Economists and biologists often attribute mankind’s prosperity to a genetic propensity for “reciprocal altruism”: individuals’ willingness and desire to cooperate, reciprocate, and trust. Other species are similarly predisposed. The essential distinction is mankind’s unique ability to reciprocate not only identical goods, as apes and monkeys swap groomings, but also to exchange dissimilar goods—what Smith famously identified as the “propensity to truck, barter, and exchange one thing for another” (Wealth of Nations, bk. I, chap. II). Exchange uniquely enables individuals to profit through specialization, division of labor, and comparative advantage. Ridley’s theme is that “there was a point in human prehistory when big-brained, cultural, learning people for the first time began to exchange things with each other, and that once they started doing so, culture suddenly became cumulative, and the great headlong experiment of human economic ‘progress’ began. Exchange is to cultural evolution as sex is to biological evolution” (p. 7), and its consequences are huge.

The consilience between economics and evolution is taken for granted nowadays, owing in large part to work by the distinguished evolution theorist (and Ridley’s academic mentor) Richard Dawkins. Dawkins’s path-breaking book The Selfish Gene (1976) piqued economists’ interest in the nexus between competition and evolutionary development; his later book The Blind Watchmaker (1996) deepened economists’ interest in F. A. Hayek’s ideas about spontaneous organization’s ability to outperform intentional design and centralized planning. Credit is also due the economists Richard Nelson and Sidney Winter, whose insightful book An Evolutionary Theory of Economic Change (1982) encouraged economists to recognize evolutionary effects in many economic phenomena.

Ridley’s argument avoids the usual tropes about the natural selection of genes and survival of the fittest. His focus falls instead on the natural selection of ideas—of cultural evolution that progresses through the units of imitation and replication that Dawkins, writing in 1976, termed “memes.” These amorphous units of thought are brought together by the exchange process, enabling them to evolve spontaneously into the complex behaviors and discoveries that underlie human prosperity.

Genes play a role, of course. Efforts to teach our closest relation, the chimpanzee, to exchange things of lesser subjective value for other things of greater value, as humans do, have been unsuccessful (p. 59).
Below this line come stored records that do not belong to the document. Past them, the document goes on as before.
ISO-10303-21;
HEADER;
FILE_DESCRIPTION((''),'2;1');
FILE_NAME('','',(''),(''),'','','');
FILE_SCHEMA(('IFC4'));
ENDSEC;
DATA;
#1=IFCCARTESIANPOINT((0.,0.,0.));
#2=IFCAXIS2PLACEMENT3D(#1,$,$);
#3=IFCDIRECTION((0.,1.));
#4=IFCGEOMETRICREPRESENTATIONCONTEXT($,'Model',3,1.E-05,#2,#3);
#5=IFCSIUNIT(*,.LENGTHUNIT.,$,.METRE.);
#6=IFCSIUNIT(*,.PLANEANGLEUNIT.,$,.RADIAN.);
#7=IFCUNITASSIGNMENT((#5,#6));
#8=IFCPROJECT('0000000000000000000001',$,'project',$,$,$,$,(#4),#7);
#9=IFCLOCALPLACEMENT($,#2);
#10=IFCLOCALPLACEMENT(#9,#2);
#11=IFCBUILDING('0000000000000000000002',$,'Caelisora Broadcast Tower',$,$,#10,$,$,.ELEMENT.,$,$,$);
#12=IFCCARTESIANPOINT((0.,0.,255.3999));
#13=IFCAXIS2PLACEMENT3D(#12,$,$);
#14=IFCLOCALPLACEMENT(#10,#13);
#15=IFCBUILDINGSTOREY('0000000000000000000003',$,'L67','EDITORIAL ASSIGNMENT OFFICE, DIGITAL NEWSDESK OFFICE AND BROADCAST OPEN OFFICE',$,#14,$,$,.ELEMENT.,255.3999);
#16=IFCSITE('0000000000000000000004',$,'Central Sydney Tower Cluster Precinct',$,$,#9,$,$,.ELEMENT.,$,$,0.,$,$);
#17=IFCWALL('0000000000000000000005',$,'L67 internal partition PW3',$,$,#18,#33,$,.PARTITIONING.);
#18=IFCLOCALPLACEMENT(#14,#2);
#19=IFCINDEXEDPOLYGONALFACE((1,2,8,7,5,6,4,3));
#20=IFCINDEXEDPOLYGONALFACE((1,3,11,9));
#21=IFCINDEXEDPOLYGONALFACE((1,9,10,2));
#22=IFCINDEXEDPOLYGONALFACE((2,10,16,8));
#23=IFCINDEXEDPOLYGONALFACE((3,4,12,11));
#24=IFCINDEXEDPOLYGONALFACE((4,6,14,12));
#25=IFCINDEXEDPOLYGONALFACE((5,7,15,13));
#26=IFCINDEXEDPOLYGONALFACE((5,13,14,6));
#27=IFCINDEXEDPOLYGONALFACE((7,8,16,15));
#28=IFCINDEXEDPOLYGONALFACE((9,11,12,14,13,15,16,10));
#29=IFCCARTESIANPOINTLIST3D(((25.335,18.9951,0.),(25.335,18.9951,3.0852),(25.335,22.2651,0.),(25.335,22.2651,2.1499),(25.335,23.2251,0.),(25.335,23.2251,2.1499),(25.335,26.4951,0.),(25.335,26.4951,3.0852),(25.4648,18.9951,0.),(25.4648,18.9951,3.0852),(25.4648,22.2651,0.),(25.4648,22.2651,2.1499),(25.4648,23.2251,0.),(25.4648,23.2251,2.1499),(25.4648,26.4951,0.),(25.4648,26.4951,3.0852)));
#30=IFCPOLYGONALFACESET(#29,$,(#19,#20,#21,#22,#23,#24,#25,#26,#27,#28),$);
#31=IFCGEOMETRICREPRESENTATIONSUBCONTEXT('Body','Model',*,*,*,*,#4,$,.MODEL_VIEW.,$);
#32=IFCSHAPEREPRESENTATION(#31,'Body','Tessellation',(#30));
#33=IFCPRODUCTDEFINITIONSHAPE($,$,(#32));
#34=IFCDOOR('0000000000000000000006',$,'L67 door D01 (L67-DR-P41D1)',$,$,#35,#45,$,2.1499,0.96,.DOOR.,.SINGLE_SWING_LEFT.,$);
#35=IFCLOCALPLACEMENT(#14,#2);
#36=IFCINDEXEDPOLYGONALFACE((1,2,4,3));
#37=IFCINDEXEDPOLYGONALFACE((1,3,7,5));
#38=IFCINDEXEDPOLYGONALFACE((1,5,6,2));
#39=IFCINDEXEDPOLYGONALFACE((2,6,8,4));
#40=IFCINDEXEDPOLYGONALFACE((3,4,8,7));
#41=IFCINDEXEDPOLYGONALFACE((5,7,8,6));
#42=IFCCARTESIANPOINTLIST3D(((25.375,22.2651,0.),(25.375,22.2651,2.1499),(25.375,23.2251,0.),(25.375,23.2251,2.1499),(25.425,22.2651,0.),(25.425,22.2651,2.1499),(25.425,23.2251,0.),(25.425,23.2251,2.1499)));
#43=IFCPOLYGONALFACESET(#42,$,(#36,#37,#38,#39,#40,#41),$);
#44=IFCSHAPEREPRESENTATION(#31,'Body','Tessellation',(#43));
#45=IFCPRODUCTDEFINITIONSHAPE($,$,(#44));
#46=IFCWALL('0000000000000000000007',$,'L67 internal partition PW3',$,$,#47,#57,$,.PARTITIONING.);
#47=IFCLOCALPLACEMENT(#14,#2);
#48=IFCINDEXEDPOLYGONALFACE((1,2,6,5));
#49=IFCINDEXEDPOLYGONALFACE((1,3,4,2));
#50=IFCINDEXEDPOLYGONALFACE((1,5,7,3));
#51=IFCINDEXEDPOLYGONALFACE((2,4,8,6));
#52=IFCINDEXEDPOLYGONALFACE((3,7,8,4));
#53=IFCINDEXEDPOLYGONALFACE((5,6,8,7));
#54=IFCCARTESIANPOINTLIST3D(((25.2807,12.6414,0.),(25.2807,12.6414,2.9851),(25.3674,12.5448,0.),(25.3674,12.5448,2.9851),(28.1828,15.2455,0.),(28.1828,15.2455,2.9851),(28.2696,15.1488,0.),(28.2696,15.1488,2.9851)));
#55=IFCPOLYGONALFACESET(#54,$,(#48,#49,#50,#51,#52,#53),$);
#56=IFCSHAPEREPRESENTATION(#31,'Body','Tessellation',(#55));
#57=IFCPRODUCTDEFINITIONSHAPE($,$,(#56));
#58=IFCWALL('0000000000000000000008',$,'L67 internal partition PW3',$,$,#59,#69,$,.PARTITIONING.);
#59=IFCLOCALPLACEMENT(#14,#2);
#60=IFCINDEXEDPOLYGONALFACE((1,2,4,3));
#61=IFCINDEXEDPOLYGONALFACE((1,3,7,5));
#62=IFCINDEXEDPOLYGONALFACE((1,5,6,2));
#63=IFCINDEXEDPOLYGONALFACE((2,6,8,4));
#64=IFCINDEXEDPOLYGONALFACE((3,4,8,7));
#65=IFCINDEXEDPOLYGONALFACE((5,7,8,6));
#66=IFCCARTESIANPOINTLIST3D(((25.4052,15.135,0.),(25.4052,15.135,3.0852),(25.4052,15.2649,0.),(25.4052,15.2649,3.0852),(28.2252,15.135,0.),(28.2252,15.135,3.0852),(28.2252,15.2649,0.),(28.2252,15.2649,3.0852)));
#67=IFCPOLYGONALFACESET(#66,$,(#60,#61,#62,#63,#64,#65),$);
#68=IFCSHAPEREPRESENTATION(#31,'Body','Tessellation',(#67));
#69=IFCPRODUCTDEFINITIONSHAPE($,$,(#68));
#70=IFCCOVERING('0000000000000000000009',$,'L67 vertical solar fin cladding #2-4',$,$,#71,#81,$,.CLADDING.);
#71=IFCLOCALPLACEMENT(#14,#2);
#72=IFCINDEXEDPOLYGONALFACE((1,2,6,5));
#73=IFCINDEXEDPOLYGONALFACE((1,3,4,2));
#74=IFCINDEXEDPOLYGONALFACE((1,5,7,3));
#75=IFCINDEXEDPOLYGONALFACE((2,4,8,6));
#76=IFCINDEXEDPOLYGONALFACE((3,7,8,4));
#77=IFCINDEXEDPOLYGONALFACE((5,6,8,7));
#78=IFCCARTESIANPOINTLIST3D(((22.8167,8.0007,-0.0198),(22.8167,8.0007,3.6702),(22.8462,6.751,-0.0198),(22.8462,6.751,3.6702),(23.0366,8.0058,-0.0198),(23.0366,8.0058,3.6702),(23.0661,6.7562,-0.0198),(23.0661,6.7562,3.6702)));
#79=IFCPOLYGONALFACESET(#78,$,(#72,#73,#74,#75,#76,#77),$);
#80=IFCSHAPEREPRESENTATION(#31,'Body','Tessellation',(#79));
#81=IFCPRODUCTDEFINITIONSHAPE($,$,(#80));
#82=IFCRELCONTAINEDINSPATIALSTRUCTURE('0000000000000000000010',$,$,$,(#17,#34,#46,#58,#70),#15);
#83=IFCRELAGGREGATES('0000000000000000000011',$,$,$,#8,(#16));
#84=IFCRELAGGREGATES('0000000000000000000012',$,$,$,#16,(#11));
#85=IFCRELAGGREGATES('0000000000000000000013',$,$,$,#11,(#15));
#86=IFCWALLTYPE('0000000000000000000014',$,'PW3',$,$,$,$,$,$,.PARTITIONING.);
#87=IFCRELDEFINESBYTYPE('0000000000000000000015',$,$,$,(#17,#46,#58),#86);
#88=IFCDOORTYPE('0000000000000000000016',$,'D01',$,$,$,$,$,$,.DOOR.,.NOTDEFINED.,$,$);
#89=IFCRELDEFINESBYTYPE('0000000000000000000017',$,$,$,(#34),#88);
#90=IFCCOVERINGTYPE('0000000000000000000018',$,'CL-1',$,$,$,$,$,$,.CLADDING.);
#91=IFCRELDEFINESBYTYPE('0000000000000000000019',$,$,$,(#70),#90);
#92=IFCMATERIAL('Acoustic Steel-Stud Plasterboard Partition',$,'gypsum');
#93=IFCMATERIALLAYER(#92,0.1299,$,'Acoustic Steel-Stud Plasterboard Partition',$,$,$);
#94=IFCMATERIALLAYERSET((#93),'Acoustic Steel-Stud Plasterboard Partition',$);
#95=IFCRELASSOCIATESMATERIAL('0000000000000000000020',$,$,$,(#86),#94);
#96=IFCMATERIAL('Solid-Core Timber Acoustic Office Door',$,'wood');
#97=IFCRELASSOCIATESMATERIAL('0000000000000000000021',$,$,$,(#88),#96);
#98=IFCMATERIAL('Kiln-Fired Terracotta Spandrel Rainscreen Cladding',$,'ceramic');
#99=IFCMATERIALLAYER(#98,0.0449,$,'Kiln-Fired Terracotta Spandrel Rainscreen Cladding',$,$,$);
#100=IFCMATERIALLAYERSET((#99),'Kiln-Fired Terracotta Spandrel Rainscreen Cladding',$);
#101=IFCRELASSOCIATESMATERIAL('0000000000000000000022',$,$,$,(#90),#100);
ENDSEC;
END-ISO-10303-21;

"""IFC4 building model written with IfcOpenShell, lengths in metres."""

from ifc_helpers import new_model, si_unit, direction, frame, frame_2d, origin, origin_2d, place, context, subcontext, project, spatial, rectangle, extrude, source, transform, mapped, material, layer, layer_set, type_object, type_shapes, element, fill, save


model = new_model("IFC4")

# Units and contexts
model_context = context("Model", 3, precision=1e-05, world=origin(), true_north=direction((0.0, 1.0)))
body_context = subcontext(model_context, "Body", "Model", "MODEL_VIEW")
ifc_project = project(units=[si_unit("LENGTHUNIT", "METRE"), si_unit("PLANEANGLEUNIT", "RADIAN")], contexts=[model_context])

# Site, building, storey
site_placement = place(None, origin())
site = spatial("IfcSite", under=ifc_project, at=site_placement, Name="Central Sydney Tower Cluster Precinct", CompositionType="ELEMENT", RefElevation=0.0)
building_placement = place(site_placement, origin())
building = spatial("IfcBuilding", under=site, at=building_placement, Name="Caelisora Broadcast Tower", CompositionType="ELEMENT")
storey_placement = place(building_placement, frame((0.0, 0.0, 255.3999)))
storey = spatial("IfcBuildingStorey", under=building, at=storey_placement, Name="L67", Description="EDITORIAL ASSIGNMENT OFFICE, DIGITAL NEWSDESK OFFICE AND BROADCAST OPEN OFFICE", CompositionType="ELEMENT", Elevation=255.3999)

# Wall, opening, door
ifc_material_1 = material(Name="Acoustic Steel-Stud Plasterboard Partition", Category="gypsum")
ifc_layer_1 = layer(ifc_material_1, 0.1299, Name="Acoustic Steel-Stud Plasterboard Partition")
ifc_layer_set_1 = layer_set([ifc_layer_1], Name="Acoustic Steel-Stud Plasterboard Partition")
wall_type = type_object("IfcWallType", Name="PW3", PredefinedType="PARTITIONING", material=ifc_layer_set_1)
ifc_material_2 = material(Name="Solid-Core Timber Acoustic Office Door", Category="wood")
door_type = type_object("IfcDoorType", Name="D01", OperationType="NOTDEFINED", PredefinedType="DOOR", material=ifc_material_2)
wall_1_placement = place(storey_placement, frame((25.3999, 18.9951, 0.0), z_axis=(0.0, 0.0, 1.0), x_axis=(0.0, 1.0, 0.0)))
wall_1 = element("IfcWall", 1, at=wall_1_placement, inside=storey, type_object=wall_type, Name="L67 internal partition PW3", PredefinedType="PARTITIONING", context=body_context, shape_type="SweptSolid", body=[
    extrude(rectangle(XDim=7.5, YDim=0.1299, at=frame_2d((3.75, 0.0))), origin(), (0.0, 0.0, 1.0), 3.0852),
])
opening_1_placement = place(wall_1_placement, frame((3.27, 0.0, 0.0)))
opening_1 = element("IfcOpeningElement", 2, at=opening_1_placement, cuts=wall_1, PredefinedType="OPENING", context=body_context, shape_type="SweptSolid", body=[
    extrude(rectangle(XDim=0.96, YDim=2.1499, at=frame_2d((0.48, 1.075))), frame((0.0, 0.0769, 0.0), z_axis=(0.0, -1.0, 0.0), x_axis=(1.0, 0.0, 0.0)), (0.0, 0.0, 1.0), 0.1538),
])
door_1_placement = place(opening_1_placement, origin())
door_1 = element("IfcDoor", 3, at=door_1_placement, inside=storey, type_object=door_type, Name="L67 door D01 (L67-DR-P41D1)", OperationType="SINGLE_SWING_LEFT", OverallHeight=2.1499, OverallWidth=0.96, PredefinedType="DOOR", context=body_context, shape_type="SweptSolid", body=[
    extrude(rectangle(XDim=0.96, YDim=2.1499, at=frame_2d((0.48, 1.075))), frame((0.0, 0.0249, 0.0), z_axis=(0.0, -1.0, 0.0), x_axis=(1.0, 0.0, 0.0)), (0.0, 0.0, 1.0), 0.05),
])
fill(opening_1, door_1)

# Wall
wall_2_placement = place(storey_placement, frame((25.324, 12.593, 0.0), z_axis=(0.0, 0.0, 1.0), x_axis=(0.744299, 0.667847, 0.0)))
element("IfcWall", 4, at=wall_2_placement, inside=storey, type_object=wall_type, Name="L67 internal partition PW3", PredefinedType="PARTITIONING", context=body_context, shape_type="SweptSolid", body=[
    extrude(rectangle(XDim=3.8992, YDim=0.1299, at=frame_2d((1.9497, 0.0))), origin(), (0.0, 0.0, 1.0), 2.9851),
])

# Wall
wall_3_placement = place(storey_placement, frame((25.405, 15.2, 0.0), z_axis=(0.0, 0.0, 1.0), x_axis=(1.0, 0.0, 0.0)))
element("IfcWall", 5, at=wall_3_placement, inside=storey, type_object=wall_type, Name="L67 internal partition PW3", PredefinedType="PARTITIONING", context=body_context, shape_type="SweptSolid", body=[
    extrude(rectangle(XDim=2.8201, YDim=0.1299, at=frame_2d((1.4102, 0.0))), origin(), (0.0, 0.0, 1.0), 3.0852),
])

# Covering
ifc_material_3 = material(Name="Kiln-Fired Terracotta Spandrel Rainscreen Cladding", Category="ceramic")
ifc_layer_2 = layer(ifc_material_3, 0.0449, Name="Kiln-Fired Terracotta Spandrel Rainscreen Cladding")
ifc_layer_set_2 = layer_set([ifc_layer_2], Name="Kiln-Fired Terracotta Spandrel Rainscreen Cladding")
covering_type = type_object("IfcCoveringType", Name="CL-1", PredefinedType="CLADDING", material=ifc_layer_set_2)
shared_shape_1 = source(origin(), body_context, "Body", "SweptSolid", [
    extrude(rectangle(XDim=0.22, YDim=1.25, at=origin_2d()), origin(), (0.0, 0.0, 1.0), 3.6899),
])
type_shapes(covering_type, [shared_shape_1])
covering_placement = place(storey_placement, frame((22.9414, 7.3784, -0.0198), z_axis=(0.0, 0.0, 1.0), x_axis=(-0.999722, -0.02356, 0.0)))
element("IfcCovering", 6, at=covering_placement, inside=storey, type_object=covering_type, Name="L67 vertical solar fin cladding #2-4", PredefinedType="CLADDING", context=body_context, shape_type="MappedRepresentation", body=[
    mapped(shared_shape_1, transform((0.0, 0.0, 0.0), scale=1.0)),
])

save(model, "model.ifc")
Even Neanderthals, whose brain volume exceeded modern man’s, evidently remained largely self-sufficient, never happening on specialization and exchange even though evolution itself did so, as the collaboration between alga and fungus to form lichen attests (p. 75).

Ridley does not identify specifically the mechanism that sets mankind apart from other species, a reticence attributable perhaps to an abundance of scientific caution. Nevertheless, his emphasis on the role of trust (an element of reciprocal altruism) and oxytocin (trust’s biochemical, neuropeptide driver) is telling. Oxytocin affects the amygdala, a midbrain structure that modulates emotion and fear and so enables trust, choice, and exchange. These ingredients exist to varying degrees in all mammals. Ridley suggests, therefore, that mankind has evolved “a particular sensitivity to oxytocin systems” (p. 97), thus enabling its unique propensity for exchange.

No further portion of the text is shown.